Teniendo en cuenta que los adolescentes y los adultos jóvenes (19 a 29 años) son en gran parte los responsables y principales afectados por la transmisión actual, entender el impacto de su vacunación en la contención de la pandemia sería muy útil. Si resulta que vacunarlos no aporta realmente mucho, podríamos entonces tomar la decisión –por una vez basada en la evidencia– de no priorizar su vacunación. En ese caso, y mientras la epidemia se va extinguiendo progresivamente en nuestro territorio, el dilema ético y moral al que nos enfrentamos quedaría más despejado, y el excedente resultante de vacunas (recordemos que Europa ha comprado cinco dosis por cada habitante continental) debería ser redirigido a aquellos lugares donde todavía hay una mayoría de la población vulnerable sin vacunar.

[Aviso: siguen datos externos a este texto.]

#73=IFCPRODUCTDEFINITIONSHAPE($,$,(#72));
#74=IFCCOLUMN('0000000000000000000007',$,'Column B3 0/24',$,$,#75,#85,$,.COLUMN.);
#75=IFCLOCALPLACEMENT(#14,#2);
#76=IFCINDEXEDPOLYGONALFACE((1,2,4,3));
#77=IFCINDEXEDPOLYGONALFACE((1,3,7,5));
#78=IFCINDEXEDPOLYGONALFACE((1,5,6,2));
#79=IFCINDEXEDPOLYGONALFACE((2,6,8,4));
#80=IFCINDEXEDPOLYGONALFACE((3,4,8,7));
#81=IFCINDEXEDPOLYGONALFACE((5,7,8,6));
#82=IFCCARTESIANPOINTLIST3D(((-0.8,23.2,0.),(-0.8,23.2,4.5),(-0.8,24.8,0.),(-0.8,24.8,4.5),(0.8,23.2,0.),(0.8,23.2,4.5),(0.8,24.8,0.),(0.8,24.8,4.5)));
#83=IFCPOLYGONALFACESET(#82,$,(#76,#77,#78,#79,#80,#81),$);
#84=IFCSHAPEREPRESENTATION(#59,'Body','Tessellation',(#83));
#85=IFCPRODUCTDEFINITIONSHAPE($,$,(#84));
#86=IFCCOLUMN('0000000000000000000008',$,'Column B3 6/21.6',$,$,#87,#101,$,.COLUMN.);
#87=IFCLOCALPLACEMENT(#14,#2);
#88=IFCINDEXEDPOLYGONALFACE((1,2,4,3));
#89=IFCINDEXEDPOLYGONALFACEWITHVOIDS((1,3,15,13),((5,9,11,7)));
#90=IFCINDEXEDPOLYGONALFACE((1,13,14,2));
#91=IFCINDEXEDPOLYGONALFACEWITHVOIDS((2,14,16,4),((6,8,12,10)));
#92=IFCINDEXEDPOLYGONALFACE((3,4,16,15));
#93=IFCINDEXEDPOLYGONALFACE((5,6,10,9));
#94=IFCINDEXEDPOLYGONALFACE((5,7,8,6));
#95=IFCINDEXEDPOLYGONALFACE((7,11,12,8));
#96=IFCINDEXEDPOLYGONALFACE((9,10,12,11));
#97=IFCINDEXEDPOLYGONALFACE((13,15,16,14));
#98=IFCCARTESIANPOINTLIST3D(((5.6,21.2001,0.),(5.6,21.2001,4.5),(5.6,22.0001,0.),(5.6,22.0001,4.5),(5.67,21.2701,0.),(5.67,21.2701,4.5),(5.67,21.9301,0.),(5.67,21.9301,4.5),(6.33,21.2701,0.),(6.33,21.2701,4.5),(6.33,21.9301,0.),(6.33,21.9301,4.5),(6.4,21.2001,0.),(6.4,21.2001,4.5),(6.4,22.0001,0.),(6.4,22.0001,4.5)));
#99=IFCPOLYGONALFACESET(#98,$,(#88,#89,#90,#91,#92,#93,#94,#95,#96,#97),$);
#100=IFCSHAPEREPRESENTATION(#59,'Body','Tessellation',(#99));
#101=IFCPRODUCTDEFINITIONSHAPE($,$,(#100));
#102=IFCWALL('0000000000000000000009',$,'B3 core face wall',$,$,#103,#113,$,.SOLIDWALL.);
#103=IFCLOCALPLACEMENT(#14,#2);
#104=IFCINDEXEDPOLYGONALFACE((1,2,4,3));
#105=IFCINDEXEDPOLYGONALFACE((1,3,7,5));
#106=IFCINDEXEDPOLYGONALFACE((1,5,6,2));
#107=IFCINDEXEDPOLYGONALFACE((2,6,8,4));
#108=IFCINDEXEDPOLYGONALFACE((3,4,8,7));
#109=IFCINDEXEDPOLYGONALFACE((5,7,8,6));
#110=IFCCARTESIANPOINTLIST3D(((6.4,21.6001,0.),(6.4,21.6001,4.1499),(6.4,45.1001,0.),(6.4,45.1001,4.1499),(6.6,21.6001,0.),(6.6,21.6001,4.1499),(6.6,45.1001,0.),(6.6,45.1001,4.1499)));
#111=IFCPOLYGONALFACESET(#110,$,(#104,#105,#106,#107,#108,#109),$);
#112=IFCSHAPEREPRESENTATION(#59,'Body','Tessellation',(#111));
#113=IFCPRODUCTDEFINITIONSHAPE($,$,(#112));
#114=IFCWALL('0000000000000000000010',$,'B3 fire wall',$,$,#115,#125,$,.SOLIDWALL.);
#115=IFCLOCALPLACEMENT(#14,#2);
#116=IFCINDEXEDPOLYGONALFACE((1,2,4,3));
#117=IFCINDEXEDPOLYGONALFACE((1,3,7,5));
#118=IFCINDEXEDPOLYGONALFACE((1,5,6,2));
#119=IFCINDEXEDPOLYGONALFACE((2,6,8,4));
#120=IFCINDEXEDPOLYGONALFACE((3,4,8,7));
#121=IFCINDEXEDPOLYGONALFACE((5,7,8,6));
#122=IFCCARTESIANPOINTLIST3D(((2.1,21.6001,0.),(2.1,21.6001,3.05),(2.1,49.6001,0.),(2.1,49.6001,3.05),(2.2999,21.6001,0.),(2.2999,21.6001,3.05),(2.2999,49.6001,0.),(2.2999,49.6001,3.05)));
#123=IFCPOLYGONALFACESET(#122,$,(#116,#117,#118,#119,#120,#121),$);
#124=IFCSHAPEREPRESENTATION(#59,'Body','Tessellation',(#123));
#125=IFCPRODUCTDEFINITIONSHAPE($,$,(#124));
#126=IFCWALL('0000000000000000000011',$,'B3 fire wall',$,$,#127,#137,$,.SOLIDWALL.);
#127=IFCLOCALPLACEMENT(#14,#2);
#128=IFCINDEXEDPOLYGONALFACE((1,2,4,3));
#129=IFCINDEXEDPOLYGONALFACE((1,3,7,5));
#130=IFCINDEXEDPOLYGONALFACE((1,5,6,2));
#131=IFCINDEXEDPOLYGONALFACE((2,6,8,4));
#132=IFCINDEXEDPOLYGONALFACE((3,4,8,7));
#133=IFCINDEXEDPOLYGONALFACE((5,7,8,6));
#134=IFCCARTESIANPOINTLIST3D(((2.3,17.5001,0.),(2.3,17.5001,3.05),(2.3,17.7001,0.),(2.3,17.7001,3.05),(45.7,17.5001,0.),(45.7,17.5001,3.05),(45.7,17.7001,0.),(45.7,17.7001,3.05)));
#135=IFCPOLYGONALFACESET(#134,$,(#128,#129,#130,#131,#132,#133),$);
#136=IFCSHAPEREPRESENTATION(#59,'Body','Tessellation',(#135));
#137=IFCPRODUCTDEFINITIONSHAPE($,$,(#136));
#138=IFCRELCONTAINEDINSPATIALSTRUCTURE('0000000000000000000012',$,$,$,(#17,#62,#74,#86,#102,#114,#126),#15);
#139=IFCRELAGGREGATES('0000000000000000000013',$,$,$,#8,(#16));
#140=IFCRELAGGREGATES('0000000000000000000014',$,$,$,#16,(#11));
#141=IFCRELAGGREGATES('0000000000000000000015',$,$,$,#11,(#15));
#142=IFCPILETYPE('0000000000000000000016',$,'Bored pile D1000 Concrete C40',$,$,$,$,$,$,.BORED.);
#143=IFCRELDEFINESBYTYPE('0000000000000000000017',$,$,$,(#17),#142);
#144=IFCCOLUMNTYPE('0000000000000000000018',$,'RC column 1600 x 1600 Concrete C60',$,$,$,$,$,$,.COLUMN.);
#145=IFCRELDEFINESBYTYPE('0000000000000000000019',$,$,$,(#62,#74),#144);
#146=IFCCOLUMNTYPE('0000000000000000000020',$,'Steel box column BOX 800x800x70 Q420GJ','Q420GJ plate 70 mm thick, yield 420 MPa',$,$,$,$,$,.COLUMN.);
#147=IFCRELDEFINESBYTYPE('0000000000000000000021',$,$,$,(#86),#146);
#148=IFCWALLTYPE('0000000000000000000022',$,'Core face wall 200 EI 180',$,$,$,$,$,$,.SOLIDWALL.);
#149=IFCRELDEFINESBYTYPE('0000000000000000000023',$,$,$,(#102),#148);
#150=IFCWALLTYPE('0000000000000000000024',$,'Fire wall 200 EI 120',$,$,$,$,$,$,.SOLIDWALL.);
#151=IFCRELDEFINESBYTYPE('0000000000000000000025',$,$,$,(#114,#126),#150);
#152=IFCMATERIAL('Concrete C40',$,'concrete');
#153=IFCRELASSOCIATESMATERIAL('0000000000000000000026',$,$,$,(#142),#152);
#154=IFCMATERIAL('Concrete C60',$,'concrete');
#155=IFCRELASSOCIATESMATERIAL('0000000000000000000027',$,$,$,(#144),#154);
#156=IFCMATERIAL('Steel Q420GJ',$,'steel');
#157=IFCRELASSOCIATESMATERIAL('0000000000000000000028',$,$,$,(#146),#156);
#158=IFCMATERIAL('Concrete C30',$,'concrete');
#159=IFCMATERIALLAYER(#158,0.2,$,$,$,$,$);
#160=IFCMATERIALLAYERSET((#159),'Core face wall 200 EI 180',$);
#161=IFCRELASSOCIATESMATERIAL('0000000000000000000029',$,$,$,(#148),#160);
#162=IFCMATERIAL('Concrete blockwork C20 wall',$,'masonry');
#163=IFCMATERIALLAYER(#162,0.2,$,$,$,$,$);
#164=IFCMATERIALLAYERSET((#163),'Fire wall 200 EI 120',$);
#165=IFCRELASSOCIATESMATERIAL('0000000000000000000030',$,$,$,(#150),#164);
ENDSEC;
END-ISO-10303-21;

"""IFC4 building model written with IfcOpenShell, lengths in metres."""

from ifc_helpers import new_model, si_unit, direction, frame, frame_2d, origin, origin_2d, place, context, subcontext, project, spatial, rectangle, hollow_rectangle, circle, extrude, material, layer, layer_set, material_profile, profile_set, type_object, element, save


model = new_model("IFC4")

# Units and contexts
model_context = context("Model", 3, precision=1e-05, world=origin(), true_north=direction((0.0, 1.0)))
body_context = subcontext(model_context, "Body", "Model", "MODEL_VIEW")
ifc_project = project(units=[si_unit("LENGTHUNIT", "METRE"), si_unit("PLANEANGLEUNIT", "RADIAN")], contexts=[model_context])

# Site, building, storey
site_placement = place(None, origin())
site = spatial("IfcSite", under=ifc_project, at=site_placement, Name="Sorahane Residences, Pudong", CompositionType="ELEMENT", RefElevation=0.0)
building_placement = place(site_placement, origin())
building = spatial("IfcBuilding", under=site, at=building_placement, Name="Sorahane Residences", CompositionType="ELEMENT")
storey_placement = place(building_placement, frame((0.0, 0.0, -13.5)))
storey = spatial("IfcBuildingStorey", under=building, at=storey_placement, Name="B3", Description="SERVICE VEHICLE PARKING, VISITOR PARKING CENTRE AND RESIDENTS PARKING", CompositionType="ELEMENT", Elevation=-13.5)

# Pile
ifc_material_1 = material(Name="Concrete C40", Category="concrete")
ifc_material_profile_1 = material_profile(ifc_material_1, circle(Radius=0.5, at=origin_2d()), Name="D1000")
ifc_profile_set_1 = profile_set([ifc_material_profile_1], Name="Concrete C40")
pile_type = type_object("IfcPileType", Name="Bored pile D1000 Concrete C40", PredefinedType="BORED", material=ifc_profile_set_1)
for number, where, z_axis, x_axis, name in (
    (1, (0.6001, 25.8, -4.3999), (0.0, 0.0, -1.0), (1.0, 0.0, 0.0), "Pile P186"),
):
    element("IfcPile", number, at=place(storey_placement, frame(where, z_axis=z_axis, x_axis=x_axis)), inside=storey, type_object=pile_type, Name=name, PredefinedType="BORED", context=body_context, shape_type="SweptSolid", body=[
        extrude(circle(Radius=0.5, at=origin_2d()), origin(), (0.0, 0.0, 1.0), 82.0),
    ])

Mientras resolvemos este rompecabezas, sería bueno que nuestros jóvenes dejaran de aparentar que esta pandemia no va con ellos y contribuyesen a apagar el fuego que sigue ardiendo en nuestro país con actitudes responsables y solidaridad comunitaria, argumentos suficientes para que se ganen las vacunas tan codiciadas. Hay que recordar que los menores tienen bajo riesgo de sufrir una infección grave, pero pueden verse afectados por la covid persistente. Los adolescentes y los adultos jóvenes son responsables y principales afectados de gran parte de la transmisión actual.